Regarding all of these predictions, solar activity in Solar Cycle 24 and 25 will be more similar, for example, to the average of Solar Cycle 12, 13, and 14, that is, 126.0 ± 19.7. Also, we note that the solar-activity level of Solar Cycle 25 (77.3) at this point of the cycle (December 2022) is closer to that of Solar Cycle 9 (81.7), 12 (86.4), 14 (69.3), and 24 (69.3), and significantly larger than that of Solar Cycle 5 (30.8) and 6 (19.1). Therefore, considering all these facts, it is unlikely that Solar Cycle 24 and 25 are a new Dalton Minimum, but rather a new secular minimum of Gleissberg cycle.

6 Conclusions

We have reproduced the methodology of Coban, Raheem, and Cavus (2021) to evaluate their prediction on Solar Cycle 25. Thus, we have used a LSTM model with daily sunspot-number data from AAVSO (such as Coban, Raheem, and Cavus, 2021) and also from SILSO that provides the official values for the sunspot-number index, to carry out the forecasts. The daily sunspot-number series were divided into two slices including 36 years for training, 10 years for testing, and 15 years for the skip-span. We found correlation between the time series and lagged versions of itself applying the ACF over a maximum lag lower than 365 times 50 years, and obtaining an optimal lag of 0.48. The LSTM model includes two layers with 50 units per layer and the batch size set to 730 and iteration (epochs) to 300 as training parameters for the LSTM model.
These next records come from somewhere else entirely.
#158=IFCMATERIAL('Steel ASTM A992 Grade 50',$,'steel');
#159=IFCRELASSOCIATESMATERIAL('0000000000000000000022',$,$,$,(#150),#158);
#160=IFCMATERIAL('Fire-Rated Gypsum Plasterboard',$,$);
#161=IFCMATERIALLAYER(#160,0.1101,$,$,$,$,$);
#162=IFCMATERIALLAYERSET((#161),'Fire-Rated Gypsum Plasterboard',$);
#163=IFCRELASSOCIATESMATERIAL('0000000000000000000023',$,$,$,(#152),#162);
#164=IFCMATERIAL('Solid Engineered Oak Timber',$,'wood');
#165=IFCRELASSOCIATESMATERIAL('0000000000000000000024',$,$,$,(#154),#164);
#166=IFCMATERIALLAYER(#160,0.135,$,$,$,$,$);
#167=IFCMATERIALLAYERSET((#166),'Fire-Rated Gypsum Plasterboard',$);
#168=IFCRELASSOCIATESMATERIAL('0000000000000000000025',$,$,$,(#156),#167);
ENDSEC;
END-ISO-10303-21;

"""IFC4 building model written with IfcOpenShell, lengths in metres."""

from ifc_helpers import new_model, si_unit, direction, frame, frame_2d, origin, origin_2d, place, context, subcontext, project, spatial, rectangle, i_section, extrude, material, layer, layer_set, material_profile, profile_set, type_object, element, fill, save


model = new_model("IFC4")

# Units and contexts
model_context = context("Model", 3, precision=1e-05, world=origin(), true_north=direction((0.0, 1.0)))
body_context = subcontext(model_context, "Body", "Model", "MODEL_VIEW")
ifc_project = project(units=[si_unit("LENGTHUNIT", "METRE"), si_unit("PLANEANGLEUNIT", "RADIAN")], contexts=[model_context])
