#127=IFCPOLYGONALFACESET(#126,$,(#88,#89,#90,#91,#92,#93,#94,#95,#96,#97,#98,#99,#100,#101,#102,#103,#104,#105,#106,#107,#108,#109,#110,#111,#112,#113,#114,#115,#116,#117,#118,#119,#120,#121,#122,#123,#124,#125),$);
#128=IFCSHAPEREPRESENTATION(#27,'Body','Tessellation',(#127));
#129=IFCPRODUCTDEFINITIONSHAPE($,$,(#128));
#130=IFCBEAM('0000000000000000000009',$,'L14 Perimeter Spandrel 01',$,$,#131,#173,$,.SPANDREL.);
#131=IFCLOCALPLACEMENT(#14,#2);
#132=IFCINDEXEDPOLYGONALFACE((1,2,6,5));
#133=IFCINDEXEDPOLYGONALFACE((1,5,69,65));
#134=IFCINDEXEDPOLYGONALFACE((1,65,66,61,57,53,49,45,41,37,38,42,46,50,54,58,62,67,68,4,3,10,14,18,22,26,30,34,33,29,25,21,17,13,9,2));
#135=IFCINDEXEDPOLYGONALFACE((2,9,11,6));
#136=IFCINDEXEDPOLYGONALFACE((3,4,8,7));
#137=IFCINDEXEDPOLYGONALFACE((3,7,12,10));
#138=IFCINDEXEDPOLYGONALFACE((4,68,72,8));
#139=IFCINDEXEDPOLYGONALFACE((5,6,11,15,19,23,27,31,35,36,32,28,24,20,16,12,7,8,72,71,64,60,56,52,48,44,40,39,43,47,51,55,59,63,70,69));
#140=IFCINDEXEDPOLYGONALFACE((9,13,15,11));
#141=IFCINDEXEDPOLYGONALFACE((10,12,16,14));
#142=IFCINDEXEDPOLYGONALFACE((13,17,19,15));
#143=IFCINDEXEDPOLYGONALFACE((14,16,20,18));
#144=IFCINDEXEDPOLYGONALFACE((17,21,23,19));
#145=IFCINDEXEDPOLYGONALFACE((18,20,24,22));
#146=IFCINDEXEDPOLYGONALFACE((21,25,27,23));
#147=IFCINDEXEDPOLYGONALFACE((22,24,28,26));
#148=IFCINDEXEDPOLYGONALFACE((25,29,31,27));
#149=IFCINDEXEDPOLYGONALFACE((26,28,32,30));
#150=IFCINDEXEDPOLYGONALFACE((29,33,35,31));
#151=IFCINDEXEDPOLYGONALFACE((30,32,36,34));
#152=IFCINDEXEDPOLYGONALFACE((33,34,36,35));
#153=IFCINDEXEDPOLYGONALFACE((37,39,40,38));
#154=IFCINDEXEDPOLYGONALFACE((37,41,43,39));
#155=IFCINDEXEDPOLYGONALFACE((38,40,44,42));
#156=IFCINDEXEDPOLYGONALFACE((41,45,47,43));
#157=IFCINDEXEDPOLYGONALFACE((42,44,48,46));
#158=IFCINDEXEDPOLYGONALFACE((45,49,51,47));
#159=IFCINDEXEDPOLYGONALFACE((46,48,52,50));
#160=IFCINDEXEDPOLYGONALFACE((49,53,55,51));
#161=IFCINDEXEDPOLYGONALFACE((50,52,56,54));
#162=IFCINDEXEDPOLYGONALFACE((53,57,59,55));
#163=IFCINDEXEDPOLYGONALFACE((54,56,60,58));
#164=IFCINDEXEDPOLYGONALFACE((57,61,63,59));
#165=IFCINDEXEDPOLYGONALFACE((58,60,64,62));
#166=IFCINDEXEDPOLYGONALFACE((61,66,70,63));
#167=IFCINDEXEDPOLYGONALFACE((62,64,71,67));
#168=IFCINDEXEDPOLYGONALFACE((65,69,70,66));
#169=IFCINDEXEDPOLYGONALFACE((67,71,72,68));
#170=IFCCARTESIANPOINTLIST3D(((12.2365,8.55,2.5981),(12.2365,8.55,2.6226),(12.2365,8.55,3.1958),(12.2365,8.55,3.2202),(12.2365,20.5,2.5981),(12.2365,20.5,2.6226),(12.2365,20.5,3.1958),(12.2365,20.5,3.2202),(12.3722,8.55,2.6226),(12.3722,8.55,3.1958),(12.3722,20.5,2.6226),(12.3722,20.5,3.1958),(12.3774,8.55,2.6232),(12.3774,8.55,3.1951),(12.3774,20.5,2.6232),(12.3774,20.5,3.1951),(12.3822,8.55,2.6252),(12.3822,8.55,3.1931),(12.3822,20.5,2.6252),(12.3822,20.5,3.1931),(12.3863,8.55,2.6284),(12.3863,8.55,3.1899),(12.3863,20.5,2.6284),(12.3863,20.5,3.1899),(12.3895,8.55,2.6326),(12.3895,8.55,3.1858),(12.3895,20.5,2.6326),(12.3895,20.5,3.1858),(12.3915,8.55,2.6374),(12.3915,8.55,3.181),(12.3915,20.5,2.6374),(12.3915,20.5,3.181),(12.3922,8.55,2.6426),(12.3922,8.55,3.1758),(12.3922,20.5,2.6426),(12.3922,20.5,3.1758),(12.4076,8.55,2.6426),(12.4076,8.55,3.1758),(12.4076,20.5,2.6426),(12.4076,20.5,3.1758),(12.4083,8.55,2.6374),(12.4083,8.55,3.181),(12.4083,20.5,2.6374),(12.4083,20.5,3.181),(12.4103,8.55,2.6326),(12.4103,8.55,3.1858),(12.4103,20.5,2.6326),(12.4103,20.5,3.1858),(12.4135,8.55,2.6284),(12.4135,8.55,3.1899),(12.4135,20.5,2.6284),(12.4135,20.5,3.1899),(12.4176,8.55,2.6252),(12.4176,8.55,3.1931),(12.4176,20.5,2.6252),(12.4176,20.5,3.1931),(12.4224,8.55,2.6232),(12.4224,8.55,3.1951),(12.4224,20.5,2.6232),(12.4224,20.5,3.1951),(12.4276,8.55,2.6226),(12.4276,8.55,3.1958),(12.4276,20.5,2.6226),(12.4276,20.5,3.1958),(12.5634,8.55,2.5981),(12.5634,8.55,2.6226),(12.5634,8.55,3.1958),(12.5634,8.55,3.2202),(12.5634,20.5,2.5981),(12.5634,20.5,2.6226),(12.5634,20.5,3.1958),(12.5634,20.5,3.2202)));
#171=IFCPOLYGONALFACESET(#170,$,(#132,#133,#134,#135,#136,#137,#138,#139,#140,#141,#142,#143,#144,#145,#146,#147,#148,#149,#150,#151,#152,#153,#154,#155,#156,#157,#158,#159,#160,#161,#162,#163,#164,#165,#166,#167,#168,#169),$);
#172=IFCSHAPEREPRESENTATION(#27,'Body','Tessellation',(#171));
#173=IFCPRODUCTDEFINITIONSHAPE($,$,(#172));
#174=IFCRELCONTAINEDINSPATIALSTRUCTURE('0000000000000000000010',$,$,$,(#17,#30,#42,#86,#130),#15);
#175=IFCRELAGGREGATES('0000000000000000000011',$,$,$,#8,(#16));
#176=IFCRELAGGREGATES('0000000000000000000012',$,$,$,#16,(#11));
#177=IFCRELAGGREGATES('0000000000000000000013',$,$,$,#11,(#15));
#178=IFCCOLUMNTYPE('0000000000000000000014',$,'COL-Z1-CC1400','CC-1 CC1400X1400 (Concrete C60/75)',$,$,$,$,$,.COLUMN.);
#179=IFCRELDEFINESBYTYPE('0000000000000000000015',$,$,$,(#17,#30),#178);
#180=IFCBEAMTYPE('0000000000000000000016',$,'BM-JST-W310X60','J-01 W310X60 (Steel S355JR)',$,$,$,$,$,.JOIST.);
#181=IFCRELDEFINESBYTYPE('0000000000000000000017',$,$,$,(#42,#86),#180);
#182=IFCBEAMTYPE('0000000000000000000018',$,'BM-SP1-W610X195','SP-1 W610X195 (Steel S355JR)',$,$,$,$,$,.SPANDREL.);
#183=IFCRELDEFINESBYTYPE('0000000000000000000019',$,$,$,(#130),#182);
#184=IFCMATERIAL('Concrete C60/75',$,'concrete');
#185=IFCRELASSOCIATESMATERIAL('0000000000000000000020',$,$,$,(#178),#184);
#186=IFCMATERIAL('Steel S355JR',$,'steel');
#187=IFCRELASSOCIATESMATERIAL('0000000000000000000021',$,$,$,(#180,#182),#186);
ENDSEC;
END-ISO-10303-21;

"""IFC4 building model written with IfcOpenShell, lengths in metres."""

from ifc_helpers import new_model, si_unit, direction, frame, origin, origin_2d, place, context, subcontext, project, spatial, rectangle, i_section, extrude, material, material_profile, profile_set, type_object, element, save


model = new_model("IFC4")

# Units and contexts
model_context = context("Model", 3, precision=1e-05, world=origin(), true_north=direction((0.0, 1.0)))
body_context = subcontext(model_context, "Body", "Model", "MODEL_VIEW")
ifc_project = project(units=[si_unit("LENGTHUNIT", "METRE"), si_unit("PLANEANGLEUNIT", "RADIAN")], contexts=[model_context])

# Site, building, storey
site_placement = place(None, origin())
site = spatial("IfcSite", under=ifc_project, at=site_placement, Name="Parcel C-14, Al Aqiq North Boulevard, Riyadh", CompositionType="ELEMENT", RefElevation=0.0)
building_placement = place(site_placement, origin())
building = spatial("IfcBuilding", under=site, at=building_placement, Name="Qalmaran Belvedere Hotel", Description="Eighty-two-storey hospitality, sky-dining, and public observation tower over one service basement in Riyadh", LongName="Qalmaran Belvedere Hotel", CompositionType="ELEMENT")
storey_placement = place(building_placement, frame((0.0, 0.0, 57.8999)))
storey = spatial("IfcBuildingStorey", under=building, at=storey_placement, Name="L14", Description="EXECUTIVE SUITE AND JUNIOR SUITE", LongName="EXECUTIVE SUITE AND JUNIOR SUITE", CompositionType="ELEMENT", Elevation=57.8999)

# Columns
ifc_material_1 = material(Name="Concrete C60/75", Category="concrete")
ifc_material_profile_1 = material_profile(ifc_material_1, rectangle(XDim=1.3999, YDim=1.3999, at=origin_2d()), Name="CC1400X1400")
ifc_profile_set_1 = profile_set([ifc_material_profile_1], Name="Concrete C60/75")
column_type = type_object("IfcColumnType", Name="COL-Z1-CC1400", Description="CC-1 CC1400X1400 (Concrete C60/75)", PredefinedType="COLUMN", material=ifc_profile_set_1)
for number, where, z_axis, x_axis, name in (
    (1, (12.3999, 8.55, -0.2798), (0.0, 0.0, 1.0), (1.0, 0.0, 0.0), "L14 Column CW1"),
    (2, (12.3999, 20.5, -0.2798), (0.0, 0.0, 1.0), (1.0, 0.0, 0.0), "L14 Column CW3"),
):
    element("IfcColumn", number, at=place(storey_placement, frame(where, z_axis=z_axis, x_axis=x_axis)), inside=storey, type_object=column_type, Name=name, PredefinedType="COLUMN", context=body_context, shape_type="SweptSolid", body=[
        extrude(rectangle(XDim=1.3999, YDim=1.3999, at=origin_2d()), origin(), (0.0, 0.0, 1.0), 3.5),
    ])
To check the accuracy of the model, we have predicted the sunspot-number values for the period December 1995 – December 2005 (Solar Cycle 23) and compared them with the observed sunspot values, as by Coban, Raheem, and Cavus (2021). One can see that the predicted values are significantly different from the observed values at the beginning of the cycle, and then their ratio ranges between 1.2 and 0.8. We also found that the predicted value for the maximum of Solar Cycle 23 using SILSO data is 4% larger than the observed value, which occurred 11 months later than the predicted one. In the case of using AAVSO data, the predicted value is 8% lower than the observed one, with a difference of 15 months between the predicted and observed dates for the maximum.

Regarding the analysis of the prediction for the current Solar Cycle 25, one can see that the LSTM model, based on daily sunspot-number observations, does not reproduce well the behavior of the observed values available for Solar Cycle 25. Also, there was no minor peak of solar activity in February 2022 such as predicted by Coban, Raheem, and Cavus (2021). Finally, the average between the maximum amplitude of Solar Cycle 24 and that predicted applying the methodology by Coban, Raheem, and Cavus (2021) for Solar Cycle 25 is 118.6 ± 3.0 using AAVSO calibrated data and 105.2 ± 15.8 using SILSO data. We note that the maximum amplitude average of Solar Cycle 5 and 6 (Dalton Minimum) is 81.6 ± 0.6. This means that the solar activity in the modern Solar Cycles 24 and 25 would be around 30 – 45% larger than that occurred during the Dalton Minimum. We also note that the observed 13-month smoothed monthly sunspot number at this point of Solar Cycle 25 (December 2022) is 77.3, whereas it was 30.8 and 19.1 in the case of Solar Cycles 5 and 6, respectively. Therefore, we conclude that a new Dalton-type minimum is unlikely to be composed by Solar Cycles 24 and 25. We think that it is more plausible, analyzing many other predictions indicated above, that the set of the two Cycles 24 – 25 forms another secular minimum of the Gleissberg cycle, similar, for example, to that around the beginning of the 20th century.